Tomorrow, as Lucan has been a good boy… for most of the day, we are taking him to Drayton Manor to go and see Thomas the Tank Engine. As the worlds biggest Thomas fan, I cannot wait to see his face!

– James




  1. Pity that Perfect Settings doesn’t have a website. Maybe James that could be your new job? Setting up a company that specializes in British ware that can’t currently be bought via the web. You have the contacts, a good database of ‘fans’ and all that sourcing you’ve done as a family…

  2. Watch this space – The Perfect Setting website is currently under construction and will be available very soon to purchase the most amazing British made ceramics direct for your home. Exciting!

  3. Great article, once again highlighting a manufacturer I had never heard of. Sadly, once again, there is no mention of being made in the UK on their website. I have noticed this on many of the sites I have visited because of your campaign and wonder why they don’t make more of the fact. Any ideas?

  4. I agree that so many British designers/makers/manufacturers don’t shout out enough about the fact they are ‘made in Britain’! We deal with many British designers/makers, and I am surprised at how many of them don’t market this fact! We sell only British designed and made products – and it can be hard to find them! But when we do find them, their work is always fabulous – in looks and quality – and their passion! Let’s keep flying the flag!

    • Completely agree Liz (love your website btw).

      When I was building up the Kimwetu directory I searched for UK-made products and then double-checked that it explicitly said that the products were made in the UK. Many were “based in the UK” or “designed in the UK” but manufactured abroad. However, just as many manufactured in the UK but I had to dig really deep within the website to find a statement to that effect. I had to email some companies and was surprised by the number that did manufacture in the UK but didn’t think to mention it! I’ve spent a lot of time living abroad and noticed that countries in Europe really do promote their own-made products better than we do.

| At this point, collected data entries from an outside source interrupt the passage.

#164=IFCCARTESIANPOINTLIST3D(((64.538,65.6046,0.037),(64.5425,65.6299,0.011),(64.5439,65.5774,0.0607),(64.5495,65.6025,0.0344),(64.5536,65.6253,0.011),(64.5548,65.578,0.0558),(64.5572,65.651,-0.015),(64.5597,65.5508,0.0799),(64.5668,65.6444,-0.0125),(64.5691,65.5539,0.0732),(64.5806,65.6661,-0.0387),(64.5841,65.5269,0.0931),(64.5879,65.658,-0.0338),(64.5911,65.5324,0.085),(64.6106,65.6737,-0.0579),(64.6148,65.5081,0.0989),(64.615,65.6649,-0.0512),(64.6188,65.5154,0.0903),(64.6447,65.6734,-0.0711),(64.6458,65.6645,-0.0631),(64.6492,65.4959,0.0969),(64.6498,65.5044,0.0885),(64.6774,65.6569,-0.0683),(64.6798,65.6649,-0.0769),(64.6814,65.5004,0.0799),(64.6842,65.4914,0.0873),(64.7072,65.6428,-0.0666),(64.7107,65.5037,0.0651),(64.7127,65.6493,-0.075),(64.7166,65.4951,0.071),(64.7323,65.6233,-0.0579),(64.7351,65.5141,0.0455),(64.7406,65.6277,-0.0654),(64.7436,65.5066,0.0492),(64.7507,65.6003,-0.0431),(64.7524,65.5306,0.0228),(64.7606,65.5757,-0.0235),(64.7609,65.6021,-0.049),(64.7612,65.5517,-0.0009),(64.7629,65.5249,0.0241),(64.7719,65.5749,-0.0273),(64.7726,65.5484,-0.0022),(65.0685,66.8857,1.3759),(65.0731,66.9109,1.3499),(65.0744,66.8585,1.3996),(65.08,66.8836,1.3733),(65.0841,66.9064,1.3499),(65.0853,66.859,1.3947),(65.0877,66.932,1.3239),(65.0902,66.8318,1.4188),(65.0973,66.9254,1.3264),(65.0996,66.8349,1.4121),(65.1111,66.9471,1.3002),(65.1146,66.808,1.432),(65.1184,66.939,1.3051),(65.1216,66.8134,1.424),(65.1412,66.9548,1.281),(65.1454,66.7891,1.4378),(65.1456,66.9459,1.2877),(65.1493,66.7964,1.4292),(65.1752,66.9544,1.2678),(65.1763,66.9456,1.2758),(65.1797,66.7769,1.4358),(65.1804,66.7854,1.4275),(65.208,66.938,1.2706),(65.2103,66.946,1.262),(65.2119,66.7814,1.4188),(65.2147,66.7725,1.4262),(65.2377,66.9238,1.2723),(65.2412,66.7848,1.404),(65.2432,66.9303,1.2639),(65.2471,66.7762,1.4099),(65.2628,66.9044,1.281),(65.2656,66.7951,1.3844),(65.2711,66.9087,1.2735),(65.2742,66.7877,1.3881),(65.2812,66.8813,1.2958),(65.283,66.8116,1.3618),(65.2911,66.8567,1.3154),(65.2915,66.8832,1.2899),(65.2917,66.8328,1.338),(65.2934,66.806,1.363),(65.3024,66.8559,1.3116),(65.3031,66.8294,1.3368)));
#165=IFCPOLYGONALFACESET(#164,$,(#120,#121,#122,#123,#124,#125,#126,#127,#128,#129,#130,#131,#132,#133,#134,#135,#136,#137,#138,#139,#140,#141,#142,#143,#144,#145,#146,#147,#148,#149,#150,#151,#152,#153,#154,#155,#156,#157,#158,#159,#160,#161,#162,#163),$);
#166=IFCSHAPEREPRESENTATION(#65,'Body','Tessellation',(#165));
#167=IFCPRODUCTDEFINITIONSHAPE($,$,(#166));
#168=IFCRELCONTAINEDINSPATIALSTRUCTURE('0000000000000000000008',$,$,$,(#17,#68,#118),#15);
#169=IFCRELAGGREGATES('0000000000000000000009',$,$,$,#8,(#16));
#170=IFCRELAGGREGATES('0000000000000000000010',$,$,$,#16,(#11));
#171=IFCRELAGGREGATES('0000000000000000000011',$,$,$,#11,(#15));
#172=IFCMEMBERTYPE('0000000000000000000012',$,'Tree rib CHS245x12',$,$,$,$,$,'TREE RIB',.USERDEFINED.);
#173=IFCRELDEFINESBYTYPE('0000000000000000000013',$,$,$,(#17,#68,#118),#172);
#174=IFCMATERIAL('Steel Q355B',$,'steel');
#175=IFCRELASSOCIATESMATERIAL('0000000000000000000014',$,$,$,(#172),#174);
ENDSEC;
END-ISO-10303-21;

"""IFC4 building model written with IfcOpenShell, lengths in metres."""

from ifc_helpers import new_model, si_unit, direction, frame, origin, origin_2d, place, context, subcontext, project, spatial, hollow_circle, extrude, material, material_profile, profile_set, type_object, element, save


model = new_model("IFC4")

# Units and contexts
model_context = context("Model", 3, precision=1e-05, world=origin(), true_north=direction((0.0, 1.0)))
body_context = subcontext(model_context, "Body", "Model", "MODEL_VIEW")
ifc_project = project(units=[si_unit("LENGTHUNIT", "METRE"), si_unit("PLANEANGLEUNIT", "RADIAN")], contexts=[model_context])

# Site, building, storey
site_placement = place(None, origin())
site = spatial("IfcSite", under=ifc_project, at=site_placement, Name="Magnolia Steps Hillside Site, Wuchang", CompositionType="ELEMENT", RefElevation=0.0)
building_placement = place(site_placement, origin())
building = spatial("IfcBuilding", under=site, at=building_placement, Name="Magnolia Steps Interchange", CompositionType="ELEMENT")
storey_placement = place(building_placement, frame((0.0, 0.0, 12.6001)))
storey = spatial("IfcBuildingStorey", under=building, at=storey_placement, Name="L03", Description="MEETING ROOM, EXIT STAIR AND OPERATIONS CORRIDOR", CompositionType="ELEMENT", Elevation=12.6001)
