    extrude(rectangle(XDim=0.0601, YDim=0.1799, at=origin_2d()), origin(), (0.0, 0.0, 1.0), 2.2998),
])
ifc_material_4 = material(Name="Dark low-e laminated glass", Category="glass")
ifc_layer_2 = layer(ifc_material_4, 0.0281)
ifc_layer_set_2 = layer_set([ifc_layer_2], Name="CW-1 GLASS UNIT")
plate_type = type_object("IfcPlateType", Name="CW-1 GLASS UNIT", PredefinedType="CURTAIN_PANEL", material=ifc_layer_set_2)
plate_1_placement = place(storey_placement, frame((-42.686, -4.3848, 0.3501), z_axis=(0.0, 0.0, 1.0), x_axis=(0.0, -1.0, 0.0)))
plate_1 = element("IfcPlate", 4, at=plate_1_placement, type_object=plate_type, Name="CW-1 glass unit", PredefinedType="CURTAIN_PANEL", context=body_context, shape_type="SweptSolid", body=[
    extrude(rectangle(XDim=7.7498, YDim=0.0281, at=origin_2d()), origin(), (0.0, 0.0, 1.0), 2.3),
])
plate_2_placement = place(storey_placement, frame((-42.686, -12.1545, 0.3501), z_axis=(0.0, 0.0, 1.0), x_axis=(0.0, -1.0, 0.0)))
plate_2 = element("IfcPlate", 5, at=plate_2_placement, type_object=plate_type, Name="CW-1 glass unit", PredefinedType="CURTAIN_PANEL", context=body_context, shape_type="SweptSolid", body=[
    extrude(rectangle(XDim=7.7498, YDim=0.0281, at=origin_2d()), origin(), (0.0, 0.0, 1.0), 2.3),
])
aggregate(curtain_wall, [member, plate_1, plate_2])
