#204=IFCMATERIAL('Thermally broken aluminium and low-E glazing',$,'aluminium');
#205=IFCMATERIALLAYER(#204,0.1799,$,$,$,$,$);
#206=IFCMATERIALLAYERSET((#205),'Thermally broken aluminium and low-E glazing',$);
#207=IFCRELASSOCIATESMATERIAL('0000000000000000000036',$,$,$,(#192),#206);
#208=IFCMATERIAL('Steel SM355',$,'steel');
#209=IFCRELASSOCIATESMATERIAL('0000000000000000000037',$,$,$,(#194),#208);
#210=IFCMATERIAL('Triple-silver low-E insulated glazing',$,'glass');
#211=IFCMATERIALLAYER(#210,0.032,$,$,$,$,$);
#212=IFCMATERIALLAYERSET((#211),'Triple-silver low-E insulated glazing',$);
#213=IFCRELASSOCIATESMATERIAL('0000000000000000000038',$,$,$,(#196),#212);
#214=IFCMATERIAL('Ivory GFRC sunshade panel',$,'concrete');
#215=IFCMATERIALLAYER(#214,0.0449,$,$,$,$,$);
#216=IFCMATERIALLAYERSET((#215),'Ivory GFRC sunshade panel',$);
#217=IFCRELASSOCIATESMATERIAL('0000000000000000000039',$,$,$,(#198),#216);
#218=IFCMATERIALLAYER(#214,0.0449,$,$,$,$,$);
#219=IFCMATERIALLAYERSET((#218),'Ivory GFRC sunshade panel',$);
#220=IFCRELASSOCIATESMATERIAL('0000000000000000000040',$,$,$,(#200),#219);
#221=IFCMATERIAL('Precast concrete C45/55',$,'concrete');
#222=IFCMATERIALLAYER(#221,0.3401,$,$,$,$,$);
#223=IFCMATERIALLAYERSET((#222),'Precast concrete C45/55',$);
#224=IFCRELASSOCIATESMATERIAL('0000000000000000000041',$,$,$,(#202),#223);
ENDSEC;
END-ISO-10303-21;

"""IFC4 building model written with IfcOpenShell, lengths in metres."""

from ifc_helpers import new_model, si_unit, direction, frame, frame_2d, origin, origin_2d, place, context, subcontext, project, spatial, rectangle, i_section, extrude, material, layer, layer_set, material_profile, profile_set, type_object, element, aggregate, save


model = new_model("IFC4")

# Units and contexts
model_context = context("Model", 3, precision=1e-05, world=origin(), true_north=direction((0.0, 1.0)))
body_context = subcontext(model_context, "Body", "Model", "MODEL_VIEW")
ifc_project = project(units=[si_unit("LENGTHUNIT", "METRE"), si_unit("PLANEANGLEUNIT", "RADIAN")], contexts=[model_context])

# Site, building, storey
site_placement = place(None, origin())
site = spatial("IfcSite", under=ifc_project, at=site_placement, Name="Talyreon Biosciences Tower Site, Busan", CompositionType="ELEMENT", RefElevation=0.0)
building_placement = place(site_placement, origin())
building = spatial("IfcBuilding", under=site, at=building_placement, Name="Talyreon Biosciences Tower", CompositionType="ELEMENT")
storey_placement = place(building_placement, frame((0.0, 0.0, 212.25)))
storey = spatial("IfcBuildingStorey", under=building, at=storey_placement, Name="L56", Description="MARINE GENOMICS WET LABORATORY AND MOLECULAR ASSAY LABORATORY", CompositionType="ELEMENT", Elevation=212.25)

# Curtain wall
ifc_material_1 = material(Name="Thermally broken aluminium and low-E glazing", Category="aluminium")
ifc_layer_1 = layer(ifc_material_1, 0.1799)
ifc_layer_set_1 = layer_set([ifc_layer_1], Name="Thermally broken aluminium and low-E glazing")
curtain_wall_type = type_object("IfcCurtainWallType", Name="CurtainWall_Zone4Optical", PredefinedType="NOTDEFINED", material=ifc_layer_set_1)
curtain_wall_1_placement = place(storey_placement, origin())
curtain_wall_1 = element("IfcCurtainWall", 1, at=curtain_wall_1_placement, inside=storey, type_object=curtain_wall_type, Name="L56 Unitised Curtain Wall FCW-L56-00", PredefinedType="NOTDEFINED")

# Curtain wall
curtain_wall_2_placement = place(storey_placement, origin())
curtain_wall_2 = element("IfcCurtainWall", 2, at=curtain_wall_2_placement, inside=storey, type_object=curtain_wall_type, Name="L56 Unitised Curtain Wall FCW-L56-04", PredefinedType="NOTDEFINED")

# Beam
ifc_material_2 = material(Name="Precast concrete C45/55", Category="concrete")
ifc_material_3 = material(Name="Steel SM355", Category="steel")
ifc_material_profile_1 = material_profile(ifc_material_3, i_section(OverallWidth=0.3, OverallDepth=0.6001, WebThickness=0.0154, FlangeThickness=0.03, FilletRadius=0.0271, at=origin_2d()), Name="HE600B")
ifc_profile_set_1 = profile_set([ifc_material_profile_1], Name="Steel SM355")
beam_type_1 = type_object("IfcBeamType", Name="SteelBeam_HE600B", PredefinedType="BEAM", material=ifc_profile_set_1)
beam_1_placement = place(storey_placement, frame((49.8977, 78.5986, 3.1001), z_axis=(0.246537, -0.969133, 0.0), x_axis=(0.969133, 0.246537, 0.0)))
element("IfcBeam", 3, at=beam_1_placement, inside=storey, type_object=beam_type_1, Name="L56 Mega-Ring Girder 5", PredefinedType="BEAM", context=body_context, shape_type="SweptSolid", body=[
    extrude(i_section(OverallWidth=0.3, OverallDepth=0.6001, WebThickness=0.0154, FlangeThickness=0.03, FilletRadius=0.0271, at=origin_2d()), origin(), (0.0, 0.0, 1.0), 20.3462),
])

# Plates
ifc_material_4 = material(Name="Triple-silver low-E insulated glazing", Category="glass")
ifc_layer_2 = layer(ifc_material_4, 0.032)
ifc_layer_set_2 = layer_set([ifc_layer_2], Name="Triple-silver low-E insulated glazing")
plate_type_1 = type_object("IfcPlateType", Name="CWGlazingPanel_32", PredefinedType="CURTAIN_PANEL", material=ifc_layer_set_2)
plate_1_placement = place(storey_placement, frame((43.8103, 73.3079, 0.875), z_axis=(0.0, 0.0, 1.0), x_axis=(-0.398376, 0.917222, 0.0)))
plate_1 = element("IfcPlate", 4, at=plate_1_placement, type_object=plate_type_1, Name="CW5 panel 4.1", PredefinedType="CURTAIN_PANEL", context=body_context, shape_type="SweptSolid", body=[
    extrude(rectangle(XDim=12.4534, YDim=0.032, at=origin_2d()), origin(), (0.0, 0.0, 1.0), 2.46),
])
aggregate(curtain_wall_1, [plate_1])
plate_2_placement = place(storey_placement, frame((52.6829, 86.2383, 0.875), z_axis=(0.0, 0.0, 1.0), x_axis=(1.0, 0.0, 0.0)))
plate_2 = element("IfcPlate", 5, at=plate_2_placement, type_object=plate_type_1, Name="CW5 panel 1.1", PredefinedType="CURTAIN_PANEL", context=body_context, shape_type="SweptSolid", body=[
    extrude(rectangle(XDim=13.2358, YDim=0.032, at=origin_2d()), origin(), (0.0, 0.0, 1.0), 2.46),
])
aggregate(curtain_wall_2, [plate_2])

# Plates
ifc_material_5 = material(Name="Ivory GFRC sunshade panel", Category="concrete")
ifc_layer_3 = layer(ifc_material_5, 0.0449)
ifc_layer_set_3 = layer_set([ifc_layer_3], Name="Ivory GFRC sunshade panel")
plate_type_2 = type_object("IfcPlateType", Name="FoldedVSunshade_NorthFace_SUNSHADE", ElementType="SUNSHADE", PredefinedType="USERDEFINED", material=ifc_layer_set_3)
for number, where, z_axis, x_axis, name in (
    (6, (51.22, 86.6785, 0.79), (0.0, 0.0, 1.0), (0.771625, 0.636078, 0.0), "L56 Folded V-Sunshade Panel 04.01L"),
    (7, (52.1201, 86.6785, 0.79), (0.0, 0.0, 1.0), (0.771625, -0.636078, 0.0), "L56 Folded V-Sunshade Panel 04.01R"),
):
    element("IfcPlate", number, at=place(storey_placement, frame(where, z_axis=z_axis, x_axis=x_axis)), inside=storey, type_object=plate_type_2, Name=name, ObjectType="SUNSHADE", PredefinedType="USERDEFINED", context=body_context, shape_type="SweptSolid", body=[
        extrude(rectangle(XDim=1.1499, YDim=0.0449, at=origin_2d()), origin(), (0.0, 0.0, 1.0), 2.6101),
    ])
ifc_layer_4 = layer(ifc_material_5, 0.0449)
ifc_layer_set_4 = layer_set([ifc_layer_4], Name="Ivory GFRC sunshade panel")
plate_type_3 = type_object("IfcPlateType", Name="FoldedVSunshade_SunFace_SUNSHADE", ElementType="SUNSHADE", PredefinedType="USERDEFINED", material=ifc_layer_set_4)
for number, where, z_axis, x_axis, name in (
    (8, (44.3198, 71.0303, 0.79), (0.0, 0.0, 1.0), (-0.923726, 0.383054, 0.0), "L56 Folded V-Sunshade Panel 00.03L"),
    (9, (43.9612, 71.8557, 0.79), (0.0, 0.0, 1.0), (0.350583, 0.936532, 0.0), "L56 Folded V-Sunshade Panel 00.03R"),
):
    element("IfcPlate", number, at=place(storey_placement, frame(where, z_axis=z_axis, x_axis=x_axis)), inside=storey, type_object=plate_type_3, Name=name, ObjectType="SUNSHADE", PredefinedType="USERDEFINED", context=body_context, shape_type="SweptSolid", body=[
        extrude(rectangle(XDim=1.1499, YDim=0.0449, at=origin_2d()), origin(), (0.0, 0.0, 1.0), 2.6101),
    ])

      Regarding the ceramics industry – Sue Pryke on the Make it British website has written an excellent article on the re-emergence of this industry in the UK.

  5. You can buy Steelite crockery through Nisbets, a catering supplier. Prices are before VAT as they supply wholesale but will sell to everyone. Just remember they will add VAT to the price quoted :


    I have bought some good value cookery equipment from them over the years.

  6. Steelite International products are 100% Made in Britain and something we are extremely proud of. However as we are very British we also forget to shout this from the rooftops and agree that is it a missed opportunity. Thank you all for your comments and we will look to rectify this via our websites for both commerical and domestic use.